Revolving Test Kitchen Reopens with New Focus
Lawrence, MA (Sept. 15, 2021)-The first floor of Northern Essex Community College’s 420 Common Street Building in Lawrence is now a shared commercial kitchen and food business incubator that will accommodate a wide range of food businesses, including food trucks, catering companies, small batch manufacturers and food delivery companies, while offering members access to culinary and business experts in the food industry.
In existence since December of 2016, the Revolving Test Kitchen (RTK) is transitioning from an incubator and pop-up restaurant serving one entrepreneur at a time to a culinary facility with a shared commercial kitchen that will benefit multiple food entrepreneurs.
On Monday, Sept. 13, a small group came together to celebrate with a ribbon cutting in the newly renovated space which features culinary workspaces with multiple prep and cook spaces with dry and cold storage.

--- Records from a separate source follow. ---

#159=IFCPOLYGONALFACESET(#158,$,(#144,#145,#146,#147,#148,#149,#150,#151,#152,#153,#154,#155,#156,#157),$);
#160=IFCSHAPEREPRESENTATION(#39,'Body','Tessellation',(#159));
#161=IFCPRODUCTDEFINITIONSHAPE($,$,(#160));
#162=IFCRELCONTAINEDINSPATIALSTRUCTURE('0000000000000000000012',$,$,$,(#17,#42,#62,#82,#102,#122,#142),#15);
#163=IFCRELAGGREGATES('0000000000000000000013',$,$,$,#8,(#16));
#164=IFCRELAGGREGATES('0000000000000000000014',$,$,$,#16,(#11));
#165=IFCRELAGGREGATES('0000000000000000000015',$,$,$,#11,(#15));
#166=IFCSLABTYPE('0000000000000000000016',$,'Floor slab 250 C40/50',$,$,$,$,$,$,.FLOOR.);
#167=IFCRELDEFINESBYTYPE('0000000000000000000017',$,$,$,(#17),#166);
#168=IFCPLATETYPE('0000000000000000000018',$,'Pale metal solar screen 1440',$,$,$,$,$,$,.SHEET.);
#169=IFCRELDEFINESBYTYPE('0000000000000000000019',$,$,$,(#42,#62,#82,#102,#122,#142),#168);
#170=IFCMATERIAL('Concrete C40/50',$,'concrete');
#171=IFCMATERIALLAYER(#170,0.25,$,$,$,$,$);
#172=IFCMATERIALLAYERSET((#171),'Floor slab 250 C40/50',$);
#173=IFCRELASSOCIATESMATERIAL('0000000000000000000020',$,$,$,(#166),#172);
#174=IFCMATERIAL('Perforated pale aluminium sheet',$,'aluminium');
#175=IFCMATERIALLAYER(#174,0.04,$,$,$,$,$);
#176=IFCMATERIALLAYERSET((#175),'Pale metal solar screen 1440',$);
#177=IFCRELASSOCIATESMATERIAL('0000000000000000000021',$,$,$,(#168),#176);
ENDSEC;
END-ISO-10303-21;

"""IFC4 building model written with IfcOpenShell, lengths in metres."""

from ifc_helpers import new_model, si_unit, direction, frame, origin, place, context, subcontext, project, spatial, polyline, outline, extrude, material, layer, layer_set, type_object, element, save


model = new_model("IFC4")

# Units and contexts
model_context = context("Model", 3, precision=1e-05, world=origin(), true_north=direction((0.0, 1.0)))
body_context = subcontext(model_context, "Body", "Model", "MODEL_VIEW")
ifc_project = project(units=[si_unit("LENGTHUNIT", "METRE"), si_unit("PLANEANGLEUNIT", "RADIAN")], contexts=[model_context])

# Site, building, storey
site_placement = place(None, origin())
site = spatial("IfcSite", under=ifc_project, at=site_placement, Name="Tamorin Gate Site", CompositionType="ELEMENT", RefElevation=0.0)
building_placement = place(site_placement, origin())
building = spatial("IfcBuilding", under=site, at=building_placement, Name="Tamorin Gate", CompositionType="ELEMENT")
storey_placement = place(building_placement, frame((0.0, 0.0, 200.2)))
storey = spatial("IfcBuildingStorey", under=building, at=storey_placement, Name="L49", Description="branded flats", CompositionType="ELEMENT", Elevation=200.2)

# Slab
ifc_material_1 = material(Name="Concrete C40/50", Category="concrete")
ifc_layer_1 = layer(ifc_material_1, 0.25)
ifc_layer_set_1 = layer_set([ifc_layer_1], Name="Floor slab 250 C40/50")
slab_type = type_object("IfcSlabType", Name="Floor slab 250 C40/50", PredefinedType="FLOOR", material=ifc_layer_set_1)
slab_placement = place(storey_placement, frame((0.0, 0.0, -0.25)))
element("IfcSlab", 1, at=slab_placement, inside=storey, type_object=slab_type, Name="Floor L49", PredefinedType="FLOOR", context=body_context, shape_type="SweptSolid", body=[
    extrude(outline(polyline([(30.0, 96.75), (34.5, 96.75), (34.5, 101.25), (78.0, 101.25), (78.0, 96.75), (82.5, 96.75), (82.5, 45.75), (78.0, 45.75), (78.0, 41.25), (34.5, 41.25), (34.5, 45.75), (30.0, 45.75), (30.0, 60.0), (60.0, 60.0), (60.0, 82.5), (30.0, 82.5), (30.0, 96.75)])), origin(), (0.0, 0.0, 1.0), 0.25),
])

At the reopening, business and community leaders enjoyed a buffet prepared by two RTK members, Danny Torres of El Encanto, who runs a food truck featuring Puerto Rican foods, and Jessy Melo, owner of Jessy’s Clean Meals, a weekly meal prep service. There was also a short program emceed by Wendy Estrella, Lawrence Partnership board chair and featuring remarks by Lane Glenn, president of Northern Essex, Mike Kennealy, secretary, Executive Office of Housing and Economic Development, Kendrys Vasquez, mayor of Lawrence, and George Ramirez, executive director, Lawrence Partnership.
“Lawrence is emerging as a growth area for food-based businesses,” said Ramirez. “But with challenges new food service businesses face around capital and start-up costs, many great ideas never get off the ground. This new approach to the RTK offers serious entrepreneurs an important hand up through experts and facilities that make it possible to bring their idea to life and sustain it for the long term.”

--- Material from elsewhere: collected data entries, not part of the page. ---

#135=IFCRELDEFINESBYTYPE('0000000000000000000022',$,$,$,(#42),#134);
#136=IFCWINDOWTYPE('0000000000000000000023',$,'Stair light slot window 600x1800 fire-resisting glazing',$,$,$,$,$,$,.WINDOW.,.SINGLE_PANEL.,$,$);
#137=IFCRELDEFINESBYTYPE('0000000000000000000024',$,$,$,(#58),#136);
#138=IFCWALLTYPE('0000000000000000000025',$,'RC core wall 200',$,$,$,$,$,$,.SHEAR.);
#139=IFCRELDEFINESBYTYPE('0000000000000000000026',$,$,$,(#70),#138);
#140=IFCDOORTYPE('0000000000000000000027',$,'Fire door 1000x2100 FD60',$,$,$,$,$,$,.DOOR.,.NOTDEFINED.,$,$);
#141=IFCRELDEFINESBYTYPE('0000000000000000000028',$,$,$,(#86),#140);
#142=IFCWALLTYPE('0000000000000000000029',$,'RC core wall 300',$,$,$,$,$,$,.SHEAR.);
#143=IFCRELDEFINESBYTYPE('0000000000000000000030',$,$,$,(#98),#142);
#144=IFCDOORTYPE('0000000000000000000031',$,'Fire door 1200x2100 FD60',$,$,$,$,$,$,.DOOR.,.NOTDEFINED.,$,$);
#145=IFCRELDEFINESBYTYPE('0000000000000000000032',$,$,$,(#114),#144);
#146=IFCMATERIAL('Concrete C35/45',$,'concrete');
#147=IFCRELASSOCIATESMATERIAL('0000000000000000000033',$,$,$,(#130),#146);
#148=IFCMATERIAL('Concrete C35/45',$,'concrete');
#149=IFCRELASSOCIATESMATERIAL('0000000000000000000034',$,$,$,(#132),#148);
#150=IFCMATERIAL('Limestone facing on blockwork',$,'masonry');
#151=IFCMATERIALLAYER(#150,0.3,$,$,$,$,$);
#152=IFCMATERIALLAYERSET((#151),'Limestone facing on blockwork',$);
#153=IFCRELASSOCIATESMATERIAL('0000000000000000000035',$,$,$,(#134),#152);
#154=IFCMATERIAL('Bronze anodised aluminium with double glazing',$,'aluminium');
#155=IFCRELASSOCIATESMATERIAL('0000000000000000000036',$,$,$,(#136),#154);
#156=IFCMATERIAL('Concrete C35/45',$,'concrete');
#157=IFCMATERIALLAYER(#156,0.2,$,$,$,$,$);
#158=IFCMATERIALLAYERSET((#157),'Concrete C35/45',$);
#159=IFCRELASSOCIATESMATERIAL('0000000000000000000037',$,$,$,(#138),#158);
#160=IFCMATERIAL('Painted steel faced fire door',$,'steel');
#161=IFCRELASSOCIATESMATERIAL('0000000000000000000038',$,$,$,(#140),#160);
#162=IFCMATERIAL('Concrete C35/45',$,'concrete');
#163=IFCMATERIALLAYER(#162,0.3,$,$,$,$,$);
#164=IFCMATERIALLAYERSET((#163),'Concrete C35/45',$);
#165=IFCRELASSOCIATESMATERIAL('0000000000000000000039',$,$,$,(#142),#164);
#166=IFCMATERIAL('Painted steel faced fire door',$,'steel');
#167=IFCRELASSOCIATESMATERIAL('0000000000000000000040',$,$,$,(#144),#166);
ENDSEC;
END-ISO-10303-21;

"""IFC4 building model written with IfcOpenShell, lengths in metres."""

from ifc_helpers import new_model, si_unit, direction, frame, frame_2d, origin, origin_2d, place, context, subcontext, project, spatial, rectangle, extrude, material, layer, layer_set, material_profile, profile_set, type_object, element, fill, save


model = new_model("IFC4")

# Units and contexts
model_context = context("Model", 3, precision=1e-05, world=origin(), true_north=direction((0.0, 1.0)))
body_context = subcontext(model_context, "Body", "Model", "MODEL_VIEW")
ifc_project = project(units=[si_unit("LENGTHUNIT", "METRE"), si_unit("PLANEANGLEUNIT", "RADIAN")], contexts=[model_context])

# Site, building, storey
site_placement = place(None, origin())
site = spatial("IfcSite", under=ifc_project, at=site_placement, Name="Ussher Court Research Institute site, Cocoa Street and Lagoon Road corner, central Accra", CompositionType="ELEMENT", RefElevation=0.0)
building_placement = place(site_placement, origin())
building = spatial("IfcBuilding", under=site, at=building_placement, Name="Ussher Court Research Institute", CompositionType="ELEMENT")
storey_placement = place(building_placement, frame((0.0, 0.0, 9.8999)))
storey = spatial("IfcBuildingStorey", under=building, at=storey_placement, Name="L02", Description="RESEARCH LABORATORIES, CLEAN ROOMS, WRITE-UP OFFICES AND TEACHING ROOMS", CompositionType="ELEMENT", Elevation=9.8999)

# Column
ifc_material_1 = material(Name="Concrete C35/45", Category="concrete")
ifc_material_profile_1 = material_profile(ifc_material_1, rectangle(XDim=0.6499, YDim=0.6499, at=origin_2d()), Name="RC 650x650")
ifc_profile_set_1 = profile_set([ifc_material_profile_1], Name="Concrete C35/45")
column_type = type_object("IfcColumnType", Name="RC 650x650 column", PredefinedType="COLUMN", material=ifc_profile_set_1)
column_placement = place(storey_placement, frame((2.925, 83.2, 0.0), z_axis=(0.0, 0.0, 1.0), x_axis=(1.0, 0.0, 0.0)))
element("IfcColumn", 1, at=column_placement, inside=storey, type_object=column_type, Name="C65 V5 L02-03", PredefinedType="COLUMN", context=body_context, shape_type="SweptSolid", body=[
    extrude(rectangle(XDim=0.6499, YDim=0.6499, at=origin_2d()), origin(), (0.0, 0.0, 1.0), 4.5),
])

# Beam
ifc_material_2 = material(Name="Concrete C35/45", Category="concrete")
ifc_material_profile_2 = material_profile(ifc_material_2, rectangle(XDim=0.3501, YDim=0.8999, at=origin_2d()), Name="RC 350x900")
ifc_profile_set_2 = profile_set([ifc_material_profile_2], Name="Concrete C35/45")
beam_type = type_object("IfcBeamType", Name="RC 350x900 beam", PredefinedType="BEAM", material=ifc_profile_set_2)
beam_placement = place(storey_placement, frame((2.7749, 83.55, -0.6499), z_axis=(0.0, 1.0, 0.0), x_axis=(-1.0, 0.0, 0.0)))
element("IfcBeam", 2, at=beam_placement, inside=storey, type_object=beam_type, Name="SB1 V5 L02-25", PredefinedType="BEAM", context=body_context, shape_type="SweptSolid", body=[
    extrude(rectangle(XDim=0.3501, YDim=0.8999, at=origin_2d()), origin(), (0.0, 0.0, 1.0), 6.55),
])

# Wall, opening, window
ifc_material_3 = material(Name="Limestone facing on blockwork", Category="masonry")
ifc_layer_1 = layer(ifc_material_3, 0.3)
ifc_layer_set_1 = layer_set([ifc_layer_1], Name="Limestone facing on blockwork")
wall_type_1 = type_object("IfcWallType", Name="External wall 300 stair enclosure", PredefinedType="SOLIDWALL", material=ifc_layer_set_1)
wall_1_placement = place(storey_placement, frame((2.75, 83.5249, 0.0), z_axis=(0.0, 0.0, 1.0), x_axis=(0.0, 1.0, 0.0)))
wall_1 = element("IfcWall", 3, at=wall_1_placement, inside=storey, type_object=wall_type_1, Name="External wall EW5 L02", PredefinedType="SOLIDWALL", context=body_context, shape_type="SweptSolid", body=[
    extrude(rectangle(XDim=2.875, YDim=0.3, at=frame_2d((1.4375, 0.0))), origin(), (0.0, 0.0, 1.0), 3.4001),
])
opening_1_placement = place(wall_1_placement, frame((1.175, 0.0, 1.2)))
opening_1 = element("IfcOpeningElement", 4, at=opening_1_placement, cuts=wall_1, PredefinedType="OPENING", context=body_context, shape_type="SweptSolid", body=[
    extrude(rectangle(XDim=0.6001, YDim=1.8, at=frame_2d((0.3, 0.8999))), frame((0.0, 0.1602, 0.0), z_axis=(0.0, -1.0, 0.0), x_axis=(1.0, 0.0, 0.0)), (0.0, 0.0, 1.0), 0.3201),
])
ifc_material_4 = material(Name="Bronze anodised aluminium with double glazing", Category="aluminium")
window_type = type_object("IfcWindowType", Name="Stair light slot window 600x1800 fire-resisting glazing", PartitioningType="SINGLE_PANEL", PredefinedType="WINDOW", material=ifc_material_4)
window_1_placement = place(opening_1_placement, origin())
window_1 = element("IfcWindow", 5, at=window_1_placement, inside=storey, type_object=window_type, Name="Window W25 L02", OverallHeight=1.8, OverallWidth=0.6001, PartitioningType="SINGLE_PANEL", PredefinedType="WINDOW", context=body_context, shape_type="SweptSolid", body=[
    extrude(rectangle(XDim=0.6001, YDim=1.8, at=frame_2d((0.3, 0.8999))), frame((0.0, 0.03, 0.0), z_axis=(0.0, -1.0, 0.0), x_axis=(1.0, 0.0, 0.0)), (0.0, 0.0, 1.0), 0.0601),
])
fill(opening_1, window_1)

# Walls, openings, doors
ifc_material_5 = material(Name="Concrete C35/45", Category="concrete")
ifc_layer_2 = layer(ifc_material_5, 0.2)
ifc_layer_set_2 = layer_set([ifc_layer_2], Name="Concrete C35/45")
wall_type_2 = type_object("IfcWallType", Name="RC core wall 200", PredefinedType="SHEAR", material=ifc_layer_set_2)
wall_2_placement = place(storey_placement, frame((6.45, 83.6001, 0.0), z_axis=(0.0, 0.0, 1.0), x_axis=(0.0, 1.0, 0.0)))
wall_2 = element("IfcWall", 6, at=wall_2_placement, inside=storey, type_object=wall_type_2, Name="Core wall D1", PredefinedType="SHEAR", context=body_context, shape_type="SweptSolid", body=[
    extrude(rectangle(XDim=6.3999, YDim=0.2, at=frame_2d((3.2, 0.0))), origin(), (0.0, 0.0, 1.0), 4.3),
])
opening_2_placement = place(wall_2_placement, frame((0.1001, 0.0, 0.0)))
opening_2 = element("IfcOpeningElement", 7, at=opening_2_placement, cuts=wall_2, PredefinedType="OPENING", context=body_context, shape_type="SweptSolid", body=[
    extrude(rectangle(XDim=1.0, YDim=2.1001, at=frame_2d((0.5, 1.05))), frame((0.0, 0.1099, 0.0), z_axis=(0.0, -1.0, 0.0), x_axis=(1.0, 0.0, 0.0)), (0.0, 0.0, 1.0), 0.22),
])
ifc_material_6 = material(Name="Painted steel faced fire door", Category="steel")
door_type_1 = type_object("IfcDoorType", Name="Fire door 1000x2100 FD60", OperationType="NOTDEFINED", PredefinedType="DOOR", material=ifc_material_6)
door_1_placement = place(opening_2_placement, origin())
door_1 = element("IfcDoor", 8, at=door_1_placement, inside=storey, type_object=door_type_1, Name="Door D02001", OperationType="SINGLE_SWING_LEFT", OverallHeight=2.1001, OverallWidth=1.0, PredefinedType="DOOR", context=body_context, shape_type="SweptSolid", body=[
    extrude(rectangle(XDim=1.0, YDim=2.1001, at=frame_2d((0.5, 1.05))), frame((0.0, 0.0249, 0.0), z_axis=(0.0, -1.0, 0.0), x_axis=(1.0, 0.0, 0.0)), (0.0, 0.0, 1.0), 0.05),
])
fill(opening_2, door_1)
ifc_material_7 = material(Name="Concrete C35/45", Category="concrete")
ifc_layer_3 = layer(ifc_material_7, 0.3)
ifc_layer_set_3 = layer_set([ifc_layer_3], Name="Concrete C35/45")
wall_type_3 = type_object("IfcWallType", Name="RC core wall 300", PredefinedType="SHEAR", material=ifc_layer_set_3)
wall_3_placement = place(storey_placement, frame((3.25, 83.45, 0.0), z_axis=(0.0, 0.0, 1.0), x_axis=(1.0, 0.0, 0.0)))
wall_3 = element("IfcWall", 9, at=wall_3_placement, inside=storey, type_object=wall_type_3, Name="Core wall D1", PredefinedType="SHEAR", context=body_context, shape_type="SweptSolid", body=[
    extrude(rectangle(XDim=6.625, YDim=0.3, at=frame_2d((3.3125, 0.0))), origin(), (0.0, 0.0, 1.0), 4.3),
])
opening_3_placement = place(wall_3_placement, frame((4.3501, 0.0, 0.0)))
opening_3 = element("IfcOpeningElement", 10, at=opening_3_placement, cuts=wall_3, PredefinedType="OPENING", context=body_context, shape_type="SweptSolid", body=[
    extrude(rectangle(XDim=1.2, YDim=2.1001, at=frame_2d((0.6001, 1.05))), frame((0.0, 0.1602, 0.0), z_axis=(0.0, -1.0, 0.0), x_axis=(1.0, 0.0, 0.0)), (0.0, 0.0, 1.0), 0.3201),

President Lane Glenn said “Everything about this space embraces the best of this city…this building was almost empty a few years ago. Now, Northern Essex and Regis are offering classes here, preparing local residents for careers, and this new space will help launch aspiring food entrepreneurs. It’s exciting.”
Mayor Vasquez said “The Revolving Test Kitchen is a prime example of what we can achieve as a community when we come together to empower our residents, artists, and business owners. This project is going to help a lot of our entrepreneurs who wouldn’t otherwise have access to a kitchen.”
Congresswoman Lori Trahan has been an advocate for the RTK and had hoped to attend the ribbon cutting but was unable to be there. In a written statement, she said “The Lawrence Revolving Test Kitchen is an invaluable asset to our community. In providing local businesses with the space and resources necessary to succeed, the facility creates jobs, promotes workforce training, and supports diverse entrepreneurs looking to grow in the Merrimack Valley.”
“We are looking for businesses to come and join,” said Ramirez. “If you have been cooking from home and are looking to grow, we would love to partner with you.”
RTK members pay a $350 refundable deposit and a monthly base rent of $350 that includes 10 hours of kitchen time as well as well as facility costs, food safety auditing, member meetings and roundtable discussions, and promotion. To learn more, more or access the application, visit the website.
The facility will be open for food production from 4 am to midnight with 24-hour access for its members. Space is booked on a first-come, first-served policy. Members reserve times through an online platform.
The Revolving Test Kitchen is operated by Foundation Kitchen, and funding for the renovations was provided by MassDevelopment and the U.S. Economic Development Administration (EDA).
Northern Essex Community College has campuses in both Haverhill and Lawrence. It offers approximately 60 associate degree and certificate programs as well as hundreds of noncredit courses designed for personal enrichment and career growth. Each year, 6,000 students are enrolled in credit associate degree and certificate programs on the Haverhill and Lawrence campuses; and another 2,000 take noncredit workforce development and community education classes on campus, and at businesses and community sites across the Merrimack Valley. For more information, visit the website at www.necc.mass.edu or call 978-556-3700.
The Lawrence Partnership was launched in 2014 by leaders from local businesses, area banks, nonprofits, educational and healthcare institutions, and government, all committed to building a resilient, inclusive and equitable local economy. Always guided by a people-first strategy, the Partnership develops and implements initiatives that support small businesses, foster leadership and grow the workforce in Lawrence.